Lembro-me
bem de quando tinha 12 anos. 12 não, talvez um pouco menos. 10 anos,
isso. Era aquele tipo de criança miudinha – a sensação é de que
tenho o mesmo tamanho desde então – nunca fui do tipo magra, era
mais o que minha avó dizia: “tem saúde, essa menina!”. Uma
criança, com coisas de criança, mas com certas insatisfações tão
severas, que, às vezes, nem parecia ser criança. Sabe o cabelo
enrolado? Ah, que tristeza que era aquilo… Estar diante do espelho,
ver os cabelos rebeldes, sem limites, como se estivessem em plena
revolução, despertava a vontade de entrar, literalmente, em guerra
contra aqueles fios indomáveis. É… e virou guerra MESMO!
Nas
primeiras batalhas, obriguei minha mãe a ser aliada de fronte; olhei
para ela, decidida, e disse: “vamos alisar”. Decisão que parecia
muito corajosa para uma menina de 12 anos, agora sim, já com 12 anos
e insatisfações ainda maiores. Começamos a saga da compra de
produtos e idas aos salões de beleza, mas nada parecia adiantar
muito, porque, em vez de alisar, apenas causava mais furor aos fios,
que em ato de contra-ataque, mostravam-se ainda mais selvagens.
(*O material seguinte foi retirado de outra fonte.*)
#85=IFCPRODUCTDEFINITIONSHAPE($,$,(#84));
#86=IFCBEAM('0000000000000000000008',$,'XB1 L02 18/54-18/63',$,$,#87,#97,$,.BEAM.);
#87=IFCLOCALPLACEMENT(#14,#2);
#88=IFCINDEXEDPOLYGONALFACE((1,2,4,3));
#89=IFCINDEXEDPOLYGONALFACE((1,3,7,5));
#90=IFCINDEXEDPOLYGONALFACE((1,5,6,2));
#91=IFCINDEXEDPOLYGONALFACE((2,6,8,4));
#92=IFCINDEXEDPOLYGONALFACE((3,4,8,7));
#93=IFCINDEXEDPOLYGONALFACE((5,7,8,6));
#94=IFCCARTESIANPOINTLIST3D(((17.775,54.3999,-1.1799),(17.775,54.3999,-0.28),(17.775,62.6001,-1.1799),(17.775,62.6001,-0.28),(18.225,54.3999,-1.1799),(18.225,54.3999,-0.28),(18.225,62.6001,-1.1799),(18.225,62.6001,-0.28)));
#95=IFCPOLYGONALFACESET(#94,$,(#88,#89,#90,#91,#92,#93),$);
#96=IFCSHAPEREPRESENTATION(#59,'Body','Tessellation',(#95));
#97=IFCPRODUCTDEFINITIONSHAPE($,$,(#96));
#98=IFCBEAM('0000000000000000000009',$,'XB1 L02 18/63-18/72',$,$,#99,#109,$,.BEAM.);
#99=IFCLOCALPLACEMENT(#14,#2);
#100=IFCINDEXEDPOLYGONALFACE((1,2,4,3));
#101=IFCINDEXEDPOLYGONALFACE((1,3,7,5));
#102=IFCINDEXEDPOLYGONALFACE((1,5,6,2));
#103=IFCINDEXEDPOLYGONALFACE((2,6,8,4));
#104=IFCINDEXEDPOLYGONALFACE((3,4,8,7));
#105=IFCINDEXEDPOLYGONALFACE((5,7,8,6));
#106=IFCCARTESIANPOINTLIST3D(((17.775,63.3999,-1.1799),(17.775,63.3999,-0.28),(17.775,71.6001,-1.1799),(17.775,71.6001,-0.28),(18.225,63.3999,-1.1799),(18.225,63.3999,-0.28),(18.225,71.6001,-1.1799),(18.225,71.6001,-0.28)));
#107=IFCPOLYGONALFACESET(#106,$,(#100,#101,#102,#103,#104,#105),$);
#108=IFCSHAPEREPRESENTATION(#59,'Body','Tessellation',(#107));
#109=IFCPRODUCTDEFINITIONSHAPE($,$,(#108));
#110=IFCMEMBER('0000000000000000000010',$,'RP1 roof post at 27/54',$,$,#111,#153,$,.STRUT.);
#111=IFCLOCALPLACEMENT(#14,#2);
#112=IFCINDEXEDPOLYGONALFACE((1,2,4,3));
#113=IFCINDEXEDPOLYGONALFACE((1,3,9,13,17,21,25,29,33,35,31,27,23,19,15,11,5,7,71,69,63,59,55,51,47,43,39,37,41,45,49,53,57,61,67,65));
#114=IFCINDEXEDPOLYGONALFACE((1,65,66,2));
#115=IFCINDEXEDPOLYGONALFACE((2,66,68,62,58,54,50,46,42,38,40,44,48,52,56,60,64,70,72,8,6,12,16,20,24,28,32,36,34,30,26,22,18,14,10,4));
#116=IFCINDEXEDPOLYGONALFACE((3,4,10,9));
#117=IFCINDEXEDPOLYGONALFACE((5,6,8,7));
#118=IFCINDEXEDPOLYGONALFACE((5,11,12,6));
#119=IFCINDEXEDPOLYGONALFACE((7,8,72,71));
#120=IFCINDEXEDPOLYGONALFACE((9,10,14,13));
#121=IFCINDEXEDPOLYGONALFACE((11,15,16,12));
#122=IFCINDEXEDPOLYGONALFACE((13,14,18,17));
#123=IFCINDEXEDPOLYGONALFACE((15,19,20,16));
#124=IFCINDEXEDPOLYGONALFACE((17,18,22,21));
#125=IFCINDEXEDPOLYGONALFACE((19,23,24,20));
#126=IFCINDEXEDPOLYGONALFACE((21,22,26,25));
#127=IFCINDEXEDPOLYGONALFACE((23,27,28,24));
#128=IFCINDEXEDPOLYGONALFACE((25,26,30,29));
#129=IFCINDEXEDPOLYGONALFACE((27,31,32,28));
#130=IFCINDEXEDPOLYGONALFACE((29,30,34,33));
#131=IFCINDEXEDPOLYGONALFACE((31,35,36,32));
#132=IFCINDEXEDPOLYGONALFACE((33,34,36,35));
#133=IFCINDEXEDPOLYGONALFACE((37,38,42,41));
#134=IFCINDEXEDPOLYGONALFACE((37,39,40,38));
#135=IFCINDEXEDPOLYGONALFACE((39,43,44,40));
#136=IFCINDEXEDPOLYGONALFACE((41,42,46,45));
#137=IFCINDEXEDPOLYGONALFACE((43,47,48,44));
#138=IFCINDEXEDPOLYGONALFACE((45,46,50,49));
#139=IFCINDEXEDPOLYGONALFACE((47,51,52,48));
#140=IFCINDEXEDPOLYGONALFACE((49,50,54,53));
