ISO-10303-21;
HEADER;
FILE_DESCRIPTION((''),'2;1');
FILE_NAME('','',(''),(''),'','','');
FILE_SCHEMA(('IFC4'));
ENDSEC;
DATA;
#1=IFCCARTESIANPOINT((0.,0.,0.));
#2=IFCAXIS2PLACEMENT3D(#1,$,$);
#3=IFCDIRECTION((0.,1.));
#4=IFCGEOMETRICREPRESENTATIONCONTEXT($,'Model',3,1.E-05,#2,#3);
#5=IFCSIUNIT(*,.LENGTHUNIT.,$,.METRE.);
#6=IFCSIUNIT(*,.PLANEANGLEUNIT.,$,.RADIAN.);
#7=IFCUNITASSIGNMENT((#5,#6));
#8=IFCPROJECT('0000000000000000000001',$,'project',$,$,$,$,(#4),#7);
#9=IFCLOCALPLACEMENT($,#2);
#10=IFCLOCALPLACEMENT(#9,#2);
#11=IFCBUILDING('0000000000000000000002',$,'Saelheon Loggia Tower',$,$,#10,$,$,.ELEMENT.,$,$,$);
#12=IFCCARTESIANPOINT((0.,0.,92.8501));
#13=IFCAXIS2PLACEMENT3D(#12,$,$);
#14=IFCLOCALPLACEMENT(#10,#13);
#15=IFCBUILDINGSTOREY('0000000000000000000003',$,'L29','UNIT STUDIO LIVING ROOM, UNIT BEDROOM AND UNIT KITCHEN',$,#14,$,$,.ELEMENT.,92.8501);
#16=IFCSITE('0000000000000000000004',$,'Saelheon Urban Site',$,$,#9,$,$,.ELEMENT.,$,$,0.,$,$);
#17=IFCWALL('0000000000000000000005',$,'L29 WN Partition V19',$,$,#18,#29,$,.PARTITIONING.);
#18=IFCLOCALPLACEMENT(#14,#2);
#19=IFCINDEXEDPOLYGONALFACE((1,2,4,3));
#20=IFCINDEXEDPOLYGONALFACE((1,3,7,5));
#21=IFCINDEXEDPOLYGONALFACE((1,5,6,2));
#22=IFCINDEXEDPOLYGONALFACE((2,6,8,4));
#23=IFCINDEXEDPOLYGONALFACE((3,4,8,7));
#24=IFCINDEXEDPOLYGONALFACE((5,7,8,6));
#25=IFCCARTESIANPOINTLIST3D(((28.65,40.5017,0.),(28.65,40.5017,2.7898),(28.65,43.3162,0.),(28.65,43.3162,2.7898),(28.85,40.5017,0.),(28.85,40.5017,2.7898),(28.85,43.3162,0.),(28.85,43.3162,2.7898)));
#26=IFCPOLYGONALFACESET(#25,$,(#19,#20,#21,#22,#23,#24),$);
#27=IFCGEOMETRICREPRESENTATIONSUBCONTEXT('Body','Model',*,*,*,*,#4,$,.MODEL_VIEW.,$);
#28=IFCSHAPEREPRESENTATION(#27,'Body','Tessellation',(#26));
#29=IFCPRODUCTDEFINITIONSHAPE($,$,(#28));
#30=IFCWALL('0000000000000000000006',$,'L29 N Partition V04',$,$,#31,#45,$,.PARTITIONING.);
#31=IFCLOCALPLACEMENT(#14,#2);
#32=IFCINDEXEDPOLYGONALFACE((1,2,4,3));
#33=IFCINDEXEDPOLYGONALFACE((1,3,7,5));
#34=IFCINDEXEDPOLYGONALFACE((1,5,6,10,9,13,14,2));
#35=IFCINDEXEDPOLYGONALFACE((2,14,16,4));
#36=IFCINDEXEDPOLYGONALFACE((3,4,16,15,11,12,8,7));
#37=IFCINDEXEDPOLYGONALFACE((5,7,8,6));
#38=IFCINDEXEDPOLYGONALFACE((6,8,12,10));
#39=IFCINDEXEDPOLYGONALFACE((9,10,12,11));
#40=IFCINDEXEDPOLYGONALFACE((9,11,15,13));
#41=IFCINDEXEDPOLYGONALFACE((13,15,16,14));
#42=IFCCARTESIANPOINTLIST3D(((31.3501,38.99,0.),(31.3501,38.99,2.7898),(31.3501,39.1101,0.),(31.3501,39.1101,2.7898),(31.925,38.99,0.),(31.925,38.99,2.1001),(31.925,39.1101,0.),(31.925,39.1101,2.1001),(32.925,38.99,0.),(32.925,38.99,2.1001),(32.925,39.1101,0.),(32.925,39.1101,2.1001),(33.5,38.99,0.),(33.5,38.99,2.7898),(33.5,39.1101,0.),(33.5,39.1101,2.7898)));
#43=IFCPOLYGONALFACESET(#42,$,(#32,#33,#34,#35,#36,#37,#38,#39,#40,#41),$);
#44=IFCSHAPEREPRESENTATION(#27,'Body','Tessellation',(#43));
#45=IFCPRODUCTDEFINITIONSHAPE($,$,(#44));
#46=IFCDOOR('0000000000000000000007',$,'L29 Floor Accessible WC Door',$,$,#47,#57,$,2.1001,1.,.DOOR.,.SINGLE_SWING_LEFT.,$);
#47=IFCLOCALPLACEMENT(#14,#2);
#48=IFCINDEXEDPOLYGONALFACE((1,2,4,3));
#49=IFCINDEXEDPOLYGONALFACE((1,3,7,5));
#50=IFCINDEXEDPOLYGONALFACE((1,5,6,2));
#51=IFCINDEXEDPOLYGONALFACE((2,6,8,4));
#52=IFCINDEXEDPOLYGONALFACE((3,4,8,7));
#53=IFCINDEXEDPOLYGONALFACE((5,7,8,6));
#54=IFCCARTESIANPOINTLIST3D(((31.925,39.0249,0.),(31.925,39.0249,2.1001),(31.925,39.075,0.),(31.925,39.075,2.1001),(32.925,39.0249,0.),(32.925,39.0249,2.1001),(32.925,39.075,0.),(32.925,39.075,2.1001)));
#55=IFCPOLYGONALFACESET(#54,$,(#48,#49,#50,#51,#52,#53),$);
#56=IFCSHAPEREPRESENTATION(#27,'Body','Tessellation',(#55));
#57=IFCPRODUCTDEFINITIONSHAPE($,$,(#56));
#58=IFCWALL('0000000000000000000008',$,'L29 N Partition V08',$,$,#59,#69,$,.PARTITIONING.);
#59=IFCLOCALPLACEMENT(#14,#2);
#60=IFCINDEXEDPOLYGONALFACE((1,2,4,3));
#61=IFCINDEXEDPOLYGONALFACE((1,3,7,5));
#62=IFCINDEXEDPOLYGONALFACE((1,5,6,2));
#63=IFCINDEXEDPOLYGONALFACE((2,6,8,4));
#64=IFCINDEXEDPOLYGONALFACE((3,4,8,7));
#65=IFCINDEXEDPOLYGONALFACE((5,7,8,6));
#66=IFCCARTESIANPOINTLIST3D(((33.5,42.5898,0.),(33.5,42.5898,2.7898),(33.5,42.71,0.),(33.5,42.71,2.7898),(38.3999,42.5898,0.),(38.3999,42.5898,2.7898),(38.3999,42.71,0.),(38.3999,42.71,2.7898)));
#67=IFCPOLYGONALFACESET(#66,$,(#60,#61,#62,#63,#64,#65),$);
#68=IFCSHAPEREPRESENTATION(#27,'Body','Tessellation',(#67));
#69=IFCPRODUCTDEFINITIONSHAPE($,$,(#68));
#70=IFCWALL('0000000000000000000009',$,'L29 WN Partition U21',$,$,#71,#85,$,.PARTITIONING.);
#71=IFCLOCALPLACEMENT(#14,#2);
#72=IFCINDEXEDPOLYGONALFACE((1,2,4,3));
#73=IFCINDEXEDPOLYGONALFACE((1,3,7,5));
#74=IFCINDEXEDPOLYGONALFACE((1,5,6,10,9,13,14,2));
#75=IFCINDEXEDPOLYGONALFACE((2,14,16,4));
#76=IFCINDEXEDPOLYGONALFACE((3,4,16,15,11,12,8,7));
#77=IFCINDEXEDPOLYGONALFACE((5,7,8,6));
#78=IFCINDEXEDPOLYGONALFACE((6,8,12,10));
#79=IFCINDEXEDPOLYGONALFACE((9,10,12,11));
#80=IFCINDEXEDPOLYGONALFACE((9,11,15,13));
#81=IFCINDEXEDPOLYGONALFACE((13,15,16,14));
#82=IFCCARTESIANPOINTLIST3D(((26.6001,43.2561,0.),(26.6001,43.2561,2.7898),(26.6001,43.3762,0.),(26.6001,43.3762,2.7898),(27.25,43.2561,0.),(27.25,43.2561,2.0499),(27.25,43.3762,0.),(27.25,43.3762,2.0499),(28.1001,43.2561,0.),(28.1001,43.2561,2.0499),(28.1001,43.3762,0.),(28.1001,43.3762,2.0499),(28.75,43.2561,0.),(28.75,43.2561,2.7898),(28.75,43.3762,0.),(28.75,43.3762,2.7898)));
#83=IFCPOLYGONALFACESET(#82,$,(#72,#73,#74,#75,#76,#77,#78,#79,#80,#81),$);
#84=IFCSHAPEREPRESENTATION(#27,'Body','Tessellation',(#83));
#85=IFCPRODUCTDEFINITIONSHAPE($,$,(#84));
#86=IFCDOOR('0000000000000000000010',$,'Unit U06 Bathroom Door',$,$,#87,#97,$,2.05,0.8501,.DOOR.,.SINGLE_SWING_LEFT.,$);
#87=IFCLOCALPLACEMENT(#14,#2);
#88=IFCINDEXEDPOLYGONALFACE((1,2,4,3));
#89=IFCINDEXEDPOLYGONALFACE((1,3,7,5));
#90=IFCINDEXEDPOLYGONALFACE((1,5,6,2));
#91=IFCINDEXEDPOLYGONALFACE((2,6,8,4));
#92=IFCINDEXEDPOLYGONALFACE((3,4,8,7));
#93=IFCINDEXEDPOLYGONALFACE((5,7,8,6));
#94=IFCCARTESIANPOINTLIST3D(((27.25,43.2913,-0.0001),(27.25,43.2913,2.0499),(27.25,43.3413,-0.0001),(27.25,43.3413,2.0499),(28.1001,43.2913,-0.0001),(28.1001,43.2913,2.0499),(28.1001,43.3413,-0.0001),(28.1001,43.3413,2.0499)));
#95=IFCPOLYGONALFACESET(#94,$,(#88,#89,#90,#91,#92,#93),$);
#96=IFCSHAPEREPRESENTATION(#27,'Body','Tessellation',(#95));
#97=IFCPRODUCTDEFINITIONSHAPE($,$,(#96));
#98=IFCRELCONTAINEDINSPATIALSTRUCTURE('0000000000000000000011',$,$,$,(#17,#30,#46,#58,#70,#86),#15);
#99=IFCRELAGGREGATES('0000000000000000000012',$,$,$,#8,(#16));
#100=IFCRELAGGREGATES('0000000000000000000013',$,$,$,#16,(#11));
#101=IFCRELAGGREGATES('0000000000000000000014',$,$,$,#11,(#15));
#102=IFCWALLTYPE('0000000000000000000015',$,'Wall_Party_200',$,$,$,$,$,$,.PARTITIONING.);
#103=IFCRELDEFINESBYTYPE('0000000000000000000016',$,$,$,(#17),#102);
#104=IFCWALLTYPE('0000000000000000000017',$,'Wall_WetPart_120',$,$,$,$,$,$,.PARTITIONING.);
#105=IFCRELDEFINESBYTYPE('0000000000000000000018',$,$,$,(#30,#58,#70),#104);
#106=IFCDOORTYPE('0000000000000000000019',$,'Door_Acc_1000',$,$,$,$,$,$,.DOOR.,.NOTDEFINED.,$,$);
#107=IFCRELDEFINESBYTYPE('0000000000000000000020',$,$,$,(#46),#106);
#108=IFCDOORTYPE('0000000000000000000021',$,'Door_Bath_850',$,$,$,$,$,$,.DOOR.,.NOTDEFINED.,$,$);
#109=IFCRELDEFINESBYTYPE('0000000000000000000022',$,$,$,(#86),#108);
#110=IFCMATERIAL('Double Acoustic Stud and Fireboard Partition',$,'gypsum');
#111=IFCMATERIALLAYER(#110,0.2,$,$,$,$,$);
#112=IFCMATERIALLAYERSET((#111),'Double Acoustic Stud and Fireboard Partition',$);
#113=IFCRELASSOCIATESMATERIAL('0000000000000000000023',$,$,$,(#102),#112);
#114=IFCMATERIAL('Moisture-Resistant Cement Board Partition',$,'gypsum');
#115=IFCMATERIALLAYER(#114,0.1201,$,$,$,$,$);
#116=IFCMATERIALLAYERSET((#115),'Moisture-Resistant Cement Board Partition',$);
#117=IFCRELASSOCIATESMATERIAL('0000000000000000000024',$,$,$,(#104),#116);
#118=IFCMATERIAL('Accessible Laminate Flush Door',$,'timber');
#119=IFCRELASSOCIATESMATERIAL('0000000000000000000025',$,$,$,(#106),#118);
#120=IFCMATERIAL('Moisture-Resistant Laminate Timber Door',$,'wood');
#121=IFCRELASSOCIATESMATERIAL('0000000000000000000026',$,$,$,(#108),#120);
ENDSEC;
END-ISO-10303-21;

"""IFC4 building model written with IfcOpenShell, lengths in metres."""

from ifc_helpers import new_model, si_unit, direction, frame, frame_2d, origin, place, context, subcontext, project, spatial, rectangle, extrude, source, transform, mapped, material, layer, layer_set, type_object, element, fill, save


model = new_model("IFC4")

# Units and contexts
model_context = context("Model", 3, precision=1e-05, world=origin(), true_north=direction((0.0, 1.0)))
body_context = subcontext(model_context, "Body", "Model", "MODEL_VIEW")
ifc_project = project(units=[si_unit("LENGTHUNIT", "METRE"), si_unit("PLANEANGLEUNIT", "RADIAN")], contexts=[model_context])

# Site, building, storey
site_placement = place(None, origin())
site = spatial("IfcSite", under=ifc_project, at=site_placement, Name="Saelheon Urban Site", CompositionType="ELEMENT", RefElevation=0.0)
building_placement = place(site_placement, origin())
building = spatial("IfcBuilding", under=site, at=building_placement, Name="Saelheon Loggia Tower", CompositionType="ELEMENT")
storey_placement = place(building_placement, frame((0.0, 0.0, 92.8501)))
storey = spatial("IfcBuildingStorey", under=building, at=storey_placement, Name="L29", Description="UNIT STUDIO LIVING ROOM, UNIT BEDROOM AND UNIT KITCHEN", CompositionType="ELEMENT", Elevation=92.8501)

# Wall
ifc_material_1 = material(Name="Double Acoustic Stud and Fireboard Partition", Category="gypsum")
ifc_layer_1 = layer(ifc_material_1, 0.2)
ifc_layer_set_1 = layer_set([ifc_layer_1], Name="Double Acoustic Stud and Fireboard Partition")
wall_type_1 = type_object("IfcWallType", Name="Wall_Party_200", PredefinedType="PARTITIONING", material=ifc_layer_set_1)
wall_1_placement = place(storey_placement, frame((28.75, 40.5017, 0.0), z_axis=(0.0, 0.0, 1.0), x_axis=(0.0, 1.0, 0.0)))
element("IfcWall", 1, at=wall_1_placement, inside=storey, type_object=wall_type_1, Name="L29 WN Partition V19", PredefinedType="PARTITIONING", context=body_context, shape_type="SweptSolid", body=[
    extrude(rectangle(XDim=2.8145, YDim=0.2, at=frame_2d((1.4072, 0.0))), origin(), (0.0, 0.0, 1.0), 2.7898),
])

# Wall, opening, door
ifc_material_2 = material(Name="Moisture-Resistant Cement Board Partition", Category="gypsum")
ifc_layer_2 = layer(ifc_material_2, 0.1201)
ifc_layer_set_2 = layer_set([ifc_layer_2], Name="Moisture-Resistant Cement Board Partition")
wall_type_2 = type_object("IfcWallType", Name="Wall_WetPart_120", PredefinedType="PARTITIONING", material=ifc_layer_set_2)
wall_2_placement = place(storey_placement, frame((31.3501, 39.05, 0.0), z_axis=(0.0, 0.0, 1.0), x_axis=(1.0, 0.0, 0.0)))
wall_2 = element("IfcWall", 2, at=wall_2_placement, inside=storey, type_object=wall_type_2, Name="L29 N Partition V04", PredefinedType="PARTITIONING", context=body_context, shape_type="SweptSolid", body=[
    extrude(rectangle(XDim=2.1499, YDim=0.1201, at=frame_2d((1.075, 0.0))), origin(), (0.0, 0.0, 1.0), 2.7898),
])
opening_1_placement = place(wall_2_placement, frame((0.575, 0.0, 0.0)))
opening_1 = element("IfcOpeningElement", 3, at=opening_1_placement, cuts=wall_2, PredefinedType="OPENING", context=body_context, shape_type="SweptSolid", body=[
    extrude(rectangle(XDim=1.0, YDim=2.1001, at=frame_2d((0.5, 1.05))), frame((0.0, 0.072, 0.0), z_axis=(0.0, -1.0, 0.0), x_axis=(1.0, 0.0, 0.0)), (0.0, 0.0, 1.0), 0.144),
])
ifc_material_3 = material(Name="Accessible Laminate Flush Door", Category="timber")
door_type_1 = type_object("IfcDoorType", Name="Door_Acc_1000", OperationType="NOTDEFINED", PredefinedType="DOOR", material=ifc_material_3)
shared_shape_1 = source(origin(), body_context, "Body", "SweptSolid", [
    extrude(rectangle(XDim=1.0, YDim=2.1001, at=frame_2d((0.5, 1.05))), frame((0.0, 0.0249, 0.0), z_axis=(0.0, -1.0, 0.0), x_axis=(1.0, 0.0, 0.0)), (0.0, 0.0, 1.0), 0.05),
])
door_1_placement = place(opening_1_placement, origin())
door_1 = element("IfcDoor", 4, at=door_1_placement, inside=storey, type_object=door_type_1, Name="L29 Floor Accessible WC Door", OperationType="SINGLE_SWING_LEFT", OverallHeight=2.1001, OverallWidth=1.0, PredefinedType="DOOR", context=body_context, shape_type="MappedRepresentation", body=[
    mapped(shared_shape_1, transform((0.0, 0.0, 0.0), scale=1.0)),
])
fill(opening_1, door_1)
Diante do espelho, passava horas arrumando meios de esconder quem ele
(o cabelo) realmente era, torcendo para dormir crespa / cacheada e
acordar comportada / lisa.
Teve
um dia, dia daqueles em que a batalha parecia perdida, ouvi conselhos
de madrinha. Dizia ela, entusiasmada: “Tem jeito. No salão da
Neinha! Ela sabe fazer um negócio diferente, que você nem precisa
gastar com produto. Ela só escova seu cabelo e pronto. Lisinho
lisinho”. O salão da Neinha, então, passou a ser um objetivo a
ser alcançado. Coitada de mamãe, que agora precisava encontrar
meios de me levar naquele santuário do cabelo liso e ainda pagar
pelo trabalho de Neinha. Esperei dia especial, casamento de uma prima
e marquei para fazer o procedimento. Seria mágico sair de lá com
todos os fiozinhos no lugar e arrasar na festa! Lá fomos nós.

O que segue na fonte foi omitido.